В своем лирическом обращении к 1834 году Гоголь назвал Петербург городом кипящей меркантильности — то есть торгашества, стремления к выгоде, жадности к деньгам. Петербург не замедлил открыться Гоголю с этой стороны. Здесь даже дворяне — «благородные» — не гнушались наживы и старались извлечь деньги из чего только можно. Так, граф Шереметев сдавал под квартиры часть своего дома на Миллионной. В домах графа Чернышова на Мойке, в роскошном доме со львами князя Лобанова-Ростовского на Адмиралтейской площади тоже были жильцы. Дворяне возводили дома, чтобы получать с них доход. Статский советник Доливо-Добровольский понастроил на Каменном острове дачи и сдавал их внаем. В 1833 году тридцать пять петербургских дворян записались в купцы.
Купец стал значительной фигурой в столичной жизни. Недаром, описывая Невский проспект, Башуцкий вслед за «хорошей публикой» выводит купцов. «Гулянье хорошей публики продолжается до четвертого часа; тогда появляются новые лица. Люди в широких сюртуках, плащах, кафтанах, с седыми, черными, рыжими усами и бородами или вовсе без оных; в красивых парных колясочках или на дрожках, запряженных большими, толстыми, рысистыми лошадьми, едут из разных улиц к одному пункту. На задумчивых их лицах, кажется, начертано слово: расчет; под нахмуренными бровями и в морщинах лба гнездится спекуляция; из проницательных быстрых глаз выглядывает кредит; по этим признакам вы узнаете купцов, едущих на биржу».
Купцы первой, второй, третьей гильдии… Их было в Петербурге великое множество. Одни ворочали миллионами, владели магазинами на Невском проспекте, где даже безделушки «пахнут страшным количеством ассигнаций», другие торговали на менее респектабельных улицах, на рынках.
Вторым по величине петербургским рынком был Щукин двор — запутанный лабиринт почище мифологического. Он бесконечно тянулся вдоль Чернышева переулка и выходил на Садовую улицу. В его двухстах шестидесяти пяти лавчонках и лавках можно было купить предметы столь различные, как хрусталь и битая птица, картины и сапоги.
Повесть Гоголя «Портрет» начинается с описания «картинной лавочки» Щукина двора и стоящих перед ней зевак. «Нигде не останавливается столько народа, как перед картинною лавочкою на Щукином дворе.

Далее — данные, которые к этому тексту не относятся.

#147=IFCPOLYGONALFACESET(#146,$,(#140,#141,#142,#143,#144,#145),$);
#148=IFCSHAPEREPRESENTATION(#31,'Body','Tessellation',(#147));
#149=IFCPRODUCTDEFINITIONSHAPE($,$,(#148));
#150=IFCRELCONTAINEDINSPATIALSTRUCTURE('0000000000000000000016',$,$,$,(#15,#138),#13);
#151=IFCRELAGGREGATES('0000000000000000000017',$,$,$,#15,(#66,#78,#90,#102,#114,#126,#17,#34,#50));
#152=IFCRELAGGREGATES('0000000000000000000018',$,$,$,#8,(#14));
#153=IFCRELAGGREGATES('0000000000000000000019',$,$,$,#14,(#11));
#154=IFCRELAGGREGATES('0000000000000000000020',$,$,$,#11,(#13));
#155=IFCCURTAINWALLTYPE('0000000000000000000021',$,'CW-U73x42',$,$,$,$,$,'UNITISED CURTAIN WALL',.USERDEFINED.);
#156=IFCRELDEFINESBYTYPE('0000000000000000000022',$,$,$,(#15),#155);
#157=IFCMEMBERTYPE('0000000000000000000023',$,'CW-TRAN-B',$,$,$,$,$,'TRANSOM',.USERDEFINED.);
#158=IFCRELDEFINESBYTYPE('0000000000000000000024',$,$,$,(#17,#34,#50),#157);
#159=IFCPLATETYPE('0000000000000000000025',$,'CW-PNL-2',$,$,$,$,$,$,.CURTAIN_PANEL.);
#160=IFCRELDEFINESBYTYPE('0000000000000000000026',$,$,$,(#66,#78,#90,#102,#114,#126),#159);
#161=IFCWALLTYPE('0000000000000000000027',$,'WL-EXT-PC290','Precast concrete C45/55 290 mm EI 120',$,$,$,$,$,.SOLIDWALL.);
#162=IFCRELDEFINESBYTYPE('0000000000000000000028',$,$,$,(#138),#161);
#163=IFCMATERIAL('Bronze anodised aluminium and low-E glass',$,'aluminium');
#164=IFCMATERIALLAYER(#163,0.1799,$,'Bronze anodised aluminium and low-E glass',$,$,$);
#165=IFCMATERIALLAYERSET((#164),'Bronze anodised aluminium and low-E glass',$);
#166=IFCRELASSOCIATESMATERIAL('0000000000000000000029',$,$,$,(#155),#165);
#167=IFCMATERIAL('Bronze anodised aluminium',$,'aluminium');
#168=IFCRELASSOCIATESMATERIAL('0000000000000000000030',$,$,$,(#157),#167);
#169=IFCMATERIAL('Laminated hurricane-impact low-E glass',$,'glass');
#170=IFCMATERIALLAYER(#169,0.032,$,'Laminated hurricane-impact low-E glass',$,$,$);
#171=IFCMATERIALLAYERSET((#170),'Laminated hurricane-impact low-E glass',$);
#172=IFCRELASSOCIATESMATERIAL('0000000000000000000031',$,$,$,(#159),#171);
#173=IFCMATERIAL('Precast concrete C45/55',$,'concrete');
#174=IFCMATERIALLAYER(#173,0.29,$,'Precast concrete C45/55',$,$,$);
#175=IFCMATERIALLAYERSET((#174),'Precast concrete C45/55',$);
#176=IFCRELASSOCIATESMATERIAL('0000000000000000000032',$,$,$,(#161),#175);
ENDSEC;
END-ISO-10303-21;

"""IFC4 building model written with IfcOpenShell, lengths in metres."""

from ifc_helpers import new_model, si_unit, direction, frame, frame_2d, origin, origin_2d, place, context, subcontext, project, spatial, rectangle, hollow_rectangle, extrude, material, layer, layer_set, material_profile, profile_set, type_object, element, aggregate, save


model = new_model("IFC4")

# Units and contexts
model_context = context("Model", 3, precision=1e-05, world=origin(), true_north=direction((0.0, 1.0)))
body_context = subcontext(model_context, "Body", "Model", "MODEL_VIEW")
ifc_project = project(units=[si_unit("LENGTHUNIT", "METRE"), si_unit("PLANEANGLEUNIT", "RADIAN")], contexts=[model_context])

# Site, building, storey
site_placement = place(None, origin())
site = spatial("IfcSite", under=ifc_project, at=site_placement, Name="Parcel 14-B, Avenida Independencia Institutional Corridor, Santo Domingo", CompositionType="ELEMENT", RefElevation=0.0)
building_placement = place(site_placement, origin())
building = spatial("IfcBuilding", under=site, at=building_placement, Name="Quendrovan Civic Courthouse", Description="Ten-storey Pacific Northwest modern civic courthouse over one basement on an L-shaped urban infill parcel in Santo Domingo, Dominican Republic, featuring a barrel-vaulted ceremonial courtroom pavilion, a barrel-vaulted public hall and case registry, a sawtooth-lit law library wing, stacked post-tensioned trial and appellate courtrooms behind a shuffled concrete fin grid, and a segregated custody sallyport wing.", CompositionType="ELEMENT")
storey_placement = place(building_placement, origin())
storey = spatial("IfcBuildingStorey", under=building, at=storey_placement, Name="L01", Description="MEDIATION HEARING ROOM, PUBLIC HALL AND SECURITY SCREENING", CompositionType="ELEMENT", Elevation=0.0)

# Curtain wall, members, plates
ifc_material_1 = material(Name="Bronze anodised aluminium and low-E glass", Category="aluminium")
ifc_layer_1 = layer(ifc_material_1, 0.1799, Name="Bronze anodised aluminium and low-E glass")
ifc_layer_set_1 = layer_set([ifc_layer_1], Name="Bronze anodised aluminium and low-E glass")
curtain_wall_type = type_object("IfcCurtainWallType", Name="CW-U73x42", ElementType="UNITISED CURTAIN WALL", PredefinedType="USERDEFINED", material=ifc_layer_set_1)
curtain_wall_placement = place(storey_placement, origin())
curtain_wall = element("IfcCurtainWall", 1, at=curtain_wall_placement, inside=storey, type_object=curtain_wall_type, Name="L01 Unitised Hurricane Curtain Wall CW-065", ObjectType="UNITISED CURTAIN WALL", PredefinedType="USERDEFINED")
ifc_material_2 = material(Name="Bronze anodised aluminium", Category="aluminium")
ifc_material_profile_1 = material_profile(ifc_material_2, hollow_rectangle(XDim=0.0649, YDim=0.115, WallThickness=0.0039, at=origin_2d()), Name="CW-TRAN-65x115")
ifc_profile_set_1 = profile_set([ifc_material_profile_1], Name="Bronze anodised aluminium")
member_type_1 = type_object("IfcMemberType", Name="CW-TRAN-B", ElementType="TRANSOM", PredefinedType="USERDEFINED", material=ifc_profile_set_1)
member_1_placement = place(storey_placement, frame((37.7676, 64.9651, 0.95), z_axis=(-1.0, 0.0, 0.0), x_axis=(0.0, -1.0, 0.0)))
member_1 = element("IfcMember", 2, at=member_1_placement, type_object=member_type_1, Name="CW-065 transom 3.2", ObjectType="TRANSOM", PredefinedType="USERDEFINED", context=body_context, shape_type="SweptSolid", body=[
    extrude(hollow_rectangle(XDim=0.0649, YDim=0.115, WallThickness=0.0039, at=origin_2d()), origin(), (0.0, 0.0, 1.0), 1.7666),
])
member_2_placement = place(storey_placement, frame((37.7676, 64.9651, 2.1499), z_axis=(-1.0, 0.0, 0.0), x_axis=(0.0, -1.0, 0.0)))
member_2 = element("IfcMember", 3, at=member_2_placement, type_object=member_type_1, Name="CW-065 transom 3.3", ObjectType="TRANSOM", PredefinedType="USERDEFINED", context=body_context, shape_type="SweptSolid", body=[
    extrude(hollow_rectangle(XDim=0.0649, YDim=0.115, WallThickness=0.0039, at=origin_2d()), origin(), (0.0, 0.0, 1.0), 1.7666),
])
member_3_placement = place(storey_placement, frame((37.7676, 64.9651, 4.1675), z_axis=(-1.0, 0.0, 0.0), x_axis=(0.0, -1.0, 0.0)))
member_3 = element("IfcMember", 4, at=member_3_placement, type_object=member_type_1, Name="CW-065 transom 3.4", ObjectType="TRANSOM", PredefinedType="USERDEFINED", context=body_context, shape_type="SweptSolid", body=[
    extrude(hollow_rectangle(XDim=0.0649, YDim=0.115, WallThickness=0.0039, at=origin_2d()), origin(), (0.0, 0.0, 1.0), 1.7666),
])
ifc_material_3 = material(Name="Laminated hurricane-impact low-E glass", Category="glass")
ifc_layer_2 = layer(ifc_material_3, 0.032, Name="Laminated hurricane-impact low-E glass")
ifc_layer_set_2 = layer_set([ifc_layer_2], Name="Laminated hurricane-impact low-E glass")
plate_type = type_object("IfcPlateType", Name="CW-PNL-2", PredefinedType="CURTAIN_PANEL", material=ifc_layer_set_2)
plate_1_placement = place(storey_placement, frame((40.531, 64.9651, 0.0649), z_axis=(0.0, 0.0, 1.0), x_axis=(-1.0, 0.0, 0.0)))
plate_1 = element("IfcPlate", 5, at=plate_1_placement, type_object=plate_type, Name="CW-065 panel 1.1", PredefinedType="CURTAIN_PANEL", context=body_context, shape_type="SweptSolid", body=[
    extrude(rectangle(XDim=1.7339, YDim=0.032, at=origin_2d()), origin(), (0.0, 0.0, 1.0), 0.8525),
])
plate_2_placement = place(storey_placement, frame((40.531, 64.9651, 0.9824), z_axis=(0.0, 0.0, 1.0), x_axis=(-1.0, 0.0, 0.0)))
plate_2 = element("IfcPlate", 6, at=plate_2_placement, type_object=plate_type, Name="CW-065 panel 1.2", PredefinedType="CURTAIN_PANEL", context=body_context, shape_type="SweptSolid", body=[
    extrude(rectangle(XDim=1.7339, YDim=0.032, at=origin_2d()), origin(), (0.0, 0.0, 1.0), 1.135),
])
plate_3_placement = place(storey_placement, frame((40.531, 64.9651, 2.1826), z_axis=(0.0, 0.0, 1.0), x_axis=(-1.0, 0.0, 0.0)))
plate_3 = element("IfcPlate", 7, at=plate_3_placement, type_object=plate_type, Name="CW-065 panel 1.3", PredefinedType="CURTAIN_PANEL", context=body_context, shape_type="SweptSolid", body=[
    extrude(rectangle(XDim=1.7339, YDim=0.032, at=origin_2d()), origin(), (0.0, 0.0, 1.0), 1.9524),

Эта лавочка представляла, точно, самое разнородное собрание диковинок: картины большею частью были писаны масляными красками, покрыты темно-зеленым лаком, в темно-желтых мишурных рамах. Зима с белыми деревьями, совершенно красный вечер, похожий на зарево пожара, фламандский мужик с трубкою и выломанною рукою, похожий более на индейского петуха в манжетах, нежели на человека — вот их обыкновенные сюжеты. К этому нужно присовокупить несколько гравированных изображений: портрет Хозрева-Мирзы [2]
в бараньей шапке, портреты каких-то генералов в треугольных шляпах, с кривыми носами… Покупателей этих произведений обыкновенно немного, но зато зрителей — куча».Перед этой лавочкой невольно остановился проходивший мимо молодой талантливый художник Чартков. Здесь увидел он запыленный портрет какого-то старика со странным смуглым лицом и после торга с другим покупателем зачем-то купил портрет, отдав за него все свои деньги. Глаза старика на портрете смотрели так страшно, что Чартков убежал, оставив покупку в лавке. Дома решил отказаться от портрета и забрать деньги назад. Но той же ночью таинственный портрет необъяснимым образом оказался на стене комнаты Чарткова. Так со Щукина рынка зараза меркантильности проникла в бедное жилище художника и перевернула всю его жизнь.
«ВСЕ ДЕЛАЕТСЯ В СВЕТЕ ДЛЯ ПОЛЬЗЫ»
Вскоре после выхода второй книги «Вечеров на хуторе» Смирдин предложил Гоголю добавить еще «сказок» и выпустить новое издание. Гоголь отказался.
«Вы спрашиваете об Вечерах Диканских, — писал он Погодину. — Чорт с ними! Я не издаю их. И хотя денежные приобретения были бы не лишние для меня, но писать для этого, прибавлять сказки не могу. Никак не имею таланта заняться спекуляционными оборотами».
Гоголь ненавидел торгашеское отношение к искусству и с тревогой замечал, что дух меркантильности чем дальше, тем больше пропитывает все, даже литературу. Гоголь был не против того, чтобы литераторы получали вознаграждение за свой труд — иначе чем жить? Времена меценатов и писателей-любителей прошли.